Definition and Description of Transvestism

It is of the utmost importance to establish the distinctions between transsexualism and transvestism. Originally, a transsexual (TS) was thought to be a type of transvestite (TV). Outside of the fact both dress in apparel normally reserved for opposite physically gendered individuals, although for different purposes and reasons, and, to a certain point in life, live in constant fear of discovery, they have very little in common.

Strictly speaking the transsexual is not crossdressing when she wears feminine clothing. Rather she crossdresses by wearing masculine clothing to conform with society’s dress code for the physical male.

The bi-gendered or cross-gendered person (both the transsexual and the transvestite) may start, as early in life as perhaps age 5 years wearing items of opposite sex apparel. Often the apparel worn/used, usually lingerie, are items of mother’s or a sister taken either from the laundry or their fresh clothing supply. Occasionally, in early stages, lingerie will be purchased for personal use.

It is not unusual for the transvestite to use items of feminine apparel as sexual gratification aids in the early stages of sexual awakening. This practice may continue into late adulthood. Occasionally an item or type of apparel, such a bra or panties, or garter-belt and hose, etc., may become a fetish item and required to be worn for, or at least close at hand during, completion of the sex act.

Cross-genderists are secretive, because their life-styles are not considered, by non-participants, socially acceptable.

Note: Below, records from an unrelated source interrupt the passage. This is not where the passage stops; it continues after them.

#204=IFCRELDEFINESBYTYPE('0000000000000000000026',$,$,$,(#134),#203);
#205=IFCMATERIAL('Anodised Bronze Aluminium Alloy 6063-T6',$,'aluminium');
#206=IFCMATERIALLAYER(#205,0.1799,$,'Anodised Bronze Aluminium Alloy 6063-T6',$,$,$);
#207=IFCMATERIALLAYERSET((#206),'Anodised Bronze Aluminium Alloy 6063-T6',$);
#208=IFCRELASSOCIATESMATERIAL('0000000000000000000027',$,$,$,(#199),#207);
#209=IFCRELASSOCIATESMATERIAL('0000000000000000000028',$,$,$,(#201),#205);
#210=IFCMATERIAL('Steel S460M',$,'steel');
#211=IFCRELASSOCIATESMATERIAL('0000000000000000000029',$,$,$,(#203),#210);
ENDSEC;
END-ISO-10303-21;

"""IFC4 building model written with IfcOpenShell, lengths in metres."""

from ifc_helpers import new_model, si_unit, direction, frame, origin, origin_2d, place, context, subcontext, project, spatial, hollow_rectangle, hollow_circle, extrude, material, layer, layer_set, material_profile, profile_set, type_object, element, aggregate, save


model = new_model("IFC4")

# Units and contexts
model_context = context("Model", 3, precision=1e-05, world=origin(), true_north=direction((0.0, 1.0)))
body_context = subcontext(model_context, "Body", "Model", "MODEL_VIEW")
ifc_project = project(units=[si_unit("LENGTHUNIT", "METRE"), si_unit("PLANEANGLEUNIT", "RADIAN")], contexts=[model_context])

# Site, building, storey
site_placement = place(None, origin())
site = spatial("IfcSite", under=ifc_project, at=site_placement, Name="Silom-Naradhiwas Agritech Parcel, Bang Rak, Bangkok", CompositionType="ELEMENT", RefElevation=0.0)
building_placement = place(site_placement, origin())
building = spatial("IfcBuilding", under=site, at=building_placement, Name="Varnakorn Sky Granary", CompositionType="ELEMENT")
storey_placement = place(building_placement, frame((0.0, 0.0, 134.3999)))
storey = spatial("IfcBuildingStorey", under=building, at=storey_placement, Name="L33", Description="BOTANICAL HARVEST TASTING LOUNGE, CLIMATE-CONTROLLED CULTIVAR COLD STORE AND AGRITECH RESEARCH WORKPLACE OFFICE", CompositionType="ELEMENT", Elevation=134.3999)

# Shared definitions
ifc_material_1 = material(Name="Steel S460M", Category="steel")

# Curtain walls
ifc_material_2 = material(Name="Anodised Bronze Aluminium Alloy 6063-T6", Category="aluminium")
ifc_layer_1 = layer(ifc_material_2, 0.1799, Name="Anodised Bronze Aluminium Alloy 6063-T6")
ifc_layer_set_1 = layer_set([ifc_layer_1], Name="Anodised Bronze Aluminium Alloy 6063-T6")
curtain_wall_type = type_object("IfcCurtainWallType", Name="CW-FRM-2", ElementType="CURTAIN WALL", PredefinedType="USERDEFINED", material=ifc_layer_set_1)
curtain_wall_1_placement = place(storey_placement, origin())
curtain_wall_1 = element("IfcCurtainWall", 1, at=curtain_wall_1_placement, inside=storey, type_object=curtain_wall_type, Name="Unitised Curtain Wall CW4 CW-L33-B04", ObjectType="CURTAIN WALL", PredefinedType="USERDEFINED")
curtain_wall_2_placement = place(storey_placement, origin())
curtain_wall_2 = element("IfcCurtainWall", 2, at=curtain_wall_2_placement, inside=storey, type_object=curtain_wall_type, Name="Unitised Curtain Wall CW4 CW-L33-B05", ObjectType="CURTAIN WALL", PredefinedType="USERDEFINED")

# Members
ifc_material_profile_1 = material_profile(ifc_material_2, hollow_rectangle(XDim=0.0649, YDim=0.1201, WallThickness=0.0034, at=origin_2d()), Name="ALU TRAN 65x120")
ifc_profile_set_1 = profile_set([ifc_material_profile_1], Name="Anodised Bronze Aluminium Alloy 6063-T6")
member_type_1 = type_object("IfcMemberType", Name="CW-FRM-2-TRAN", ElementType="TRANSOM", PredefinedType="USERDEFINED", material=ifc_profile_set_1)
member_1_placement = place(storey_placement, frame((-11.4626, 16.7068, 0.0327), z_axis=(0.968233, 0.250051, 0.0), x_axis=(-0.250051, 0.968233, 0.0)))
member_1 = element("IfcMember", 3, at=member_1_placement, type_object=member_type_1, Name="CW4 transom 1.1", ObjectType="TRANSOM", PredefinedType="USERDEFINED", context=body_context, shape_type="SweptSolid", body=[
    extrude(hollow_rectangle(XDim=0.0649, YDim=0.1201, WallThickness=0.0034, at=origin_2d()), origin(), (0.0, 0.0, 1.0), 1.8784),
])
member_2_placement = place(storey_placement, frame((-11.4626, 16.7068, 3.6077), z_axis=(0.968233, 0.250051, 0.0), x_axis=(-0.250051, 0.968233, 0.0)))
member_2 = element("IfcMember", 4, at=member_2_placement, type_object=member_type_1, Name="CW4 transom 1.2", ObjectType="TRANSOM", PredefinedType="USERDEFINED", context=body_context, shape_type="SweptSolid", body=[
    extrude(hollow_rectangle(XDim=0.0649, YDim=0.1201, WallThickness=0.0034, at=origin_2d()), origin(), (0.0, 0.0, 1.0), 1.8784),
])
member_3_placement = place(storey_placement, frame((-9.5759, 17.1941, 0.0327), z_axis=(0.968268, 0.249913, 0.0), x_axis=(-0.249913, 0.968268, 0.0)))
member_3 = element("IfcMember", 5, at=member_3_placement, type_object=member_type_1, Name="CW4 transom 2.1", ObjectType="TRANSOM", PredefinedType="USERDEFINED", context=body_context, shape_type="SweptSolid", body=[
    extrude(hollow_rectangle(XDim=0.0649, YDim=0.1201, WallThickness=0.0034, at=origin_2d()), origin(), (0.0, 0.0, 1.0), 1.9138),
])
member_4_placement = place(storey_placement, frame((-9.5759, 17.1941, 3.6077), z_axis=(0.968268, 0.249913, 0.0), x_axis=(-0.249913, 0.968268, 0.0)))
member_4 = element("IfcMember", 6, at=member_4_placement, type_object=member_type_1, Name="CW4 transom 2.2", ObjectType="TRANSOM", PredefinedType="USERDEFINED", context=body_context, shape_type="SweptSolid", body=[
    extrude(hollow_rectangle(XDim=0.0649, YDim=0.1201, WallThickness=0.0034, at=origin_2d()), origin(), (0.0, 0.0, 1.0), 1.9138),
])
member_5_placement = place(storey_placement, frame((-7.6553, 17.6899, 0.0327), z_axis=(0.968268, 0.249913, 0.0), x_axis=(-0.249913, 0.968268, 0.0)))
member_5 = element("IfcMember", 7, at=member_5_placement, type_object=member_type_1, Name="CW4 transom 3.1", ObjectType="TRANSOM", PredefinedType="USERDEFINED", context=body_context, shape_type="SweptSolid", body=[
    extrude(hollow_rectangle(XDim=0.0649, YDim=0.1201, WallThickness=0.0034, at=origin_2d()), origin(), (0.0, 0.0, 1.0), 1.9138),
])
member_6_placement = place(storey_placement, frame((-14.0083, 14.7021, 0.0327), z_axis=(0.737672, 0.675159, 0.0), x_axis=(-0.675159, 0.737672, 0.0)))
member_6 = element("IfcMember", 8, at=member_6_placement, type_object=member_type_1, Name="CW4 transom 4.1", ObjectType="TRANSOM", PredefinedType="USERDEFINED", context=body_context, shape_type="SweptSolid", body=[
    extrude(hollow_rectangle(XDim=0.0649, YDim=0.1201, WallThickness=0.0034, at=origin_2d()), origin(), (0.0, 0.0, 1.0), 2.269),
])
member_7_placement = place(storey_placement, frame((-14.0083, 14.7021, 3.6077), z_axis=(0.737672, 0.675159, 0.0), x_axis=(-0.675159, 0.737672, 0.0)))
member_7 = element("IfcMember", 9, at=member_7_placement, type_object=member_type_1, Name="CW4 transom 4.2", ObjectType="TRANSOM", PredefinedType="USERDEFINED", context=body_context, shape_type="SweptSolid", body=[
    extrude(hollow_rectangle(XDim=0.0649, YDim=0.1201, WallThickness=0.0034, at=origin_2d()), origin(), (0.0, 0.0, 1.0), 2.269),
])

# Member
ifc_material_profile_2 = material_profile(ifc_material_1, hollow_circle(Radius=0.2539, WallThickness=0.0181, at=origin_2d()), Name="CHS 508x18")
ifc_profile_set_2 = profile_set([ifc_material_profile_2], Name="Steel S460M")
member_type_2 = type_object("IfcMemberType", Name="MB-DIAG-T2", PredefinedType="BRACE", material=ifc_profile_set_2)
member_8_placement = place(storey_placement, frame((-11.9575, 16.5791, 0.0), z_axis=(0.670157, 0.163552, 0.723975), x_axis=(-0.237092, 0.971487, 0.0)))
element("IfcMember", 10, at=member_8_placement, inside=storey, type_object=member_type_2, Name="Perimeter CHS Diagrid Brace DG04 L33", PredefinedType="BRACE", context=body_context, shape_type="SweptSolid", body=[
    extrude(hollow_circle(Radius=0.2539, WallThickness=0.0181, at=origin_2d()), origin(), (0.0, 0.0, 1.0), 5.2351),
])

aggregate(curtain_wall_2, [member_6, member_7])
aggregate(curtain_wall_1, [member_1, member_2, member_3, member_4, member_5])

A transvestic male identifies primarily as a male who has and retains male gender-identity. Often the transvestite is married and the father of children. The transvestite seldom, voluntarily, confesses his need to crossdress to his spouse, usually because of the fear of non-acceptance and the resultant rejection, although some women not only accept crossdressing and the associated behavior but seek out males having those needs and traits and actively participate in the “game” – sometimes with each partner reversing roles, not only in social, but in sexual, situations.

Some transvestites profess to be alternately or intermittently bi-gendered, although most of the time they feel and behave like a normal male. A transvestite is satisfied with being a male and generally enjoys the role. It is possible for a transvestite to adopt the female gender-role while retaining his male gender-identity, but that is a rare combination.

Transvestites do not, by definition, want sex reassignment surgery, although a sizable proportion self-diagnose as transsexual when they initially burst forth from “the closet.” Thankfully, saner heads prevail and irreversible reassignment surgery does not occur (one of the logical reasons for the frustrating, to the true transsexual, waiting period and Real Life Test).

A transvestite is, usually, a heterosexual male having a periodic or episodic, sometimes fetishistic, urge to dress in opposite sex clothing. The feminine apparel apparently reinforces the male gender-identity and may intensify male sexual satisfaction. The subconscious mind, apparently, associates dressing in opposite sex apparel with women as sex objects and their own formative male sexual drive; it became imprinted with the same mechanisms which form other fetishes such as the shoe fetish, the panty fetish, the leg fetish, the breast fetish or a fetish for other parts of the female body.

A transvestic fetish is intensified by virtue of the fact that, by actually wearing the fetish items (of feminine apparel) the transvestite is in intimate proximity of, and contact, with the objects. He, often, derives sensual pleasure from the feminine quality of the fabrics; he is reminded of his real sex object (the female body) through the simulation of the outward presence of a woman, and he can take satisfaction in the dissemblance of knowing he is really a man under the feminine finery.

Transvestites are, perhaps, more rejected even more than transsexuals because the transsexual at least attempts to accommodate society by changing to a full-time apparent, and as completely as possible to a, woman while the transvestite switches mode of dress, if not role, back and forth adding confusion to, at least, his visible gender-identity.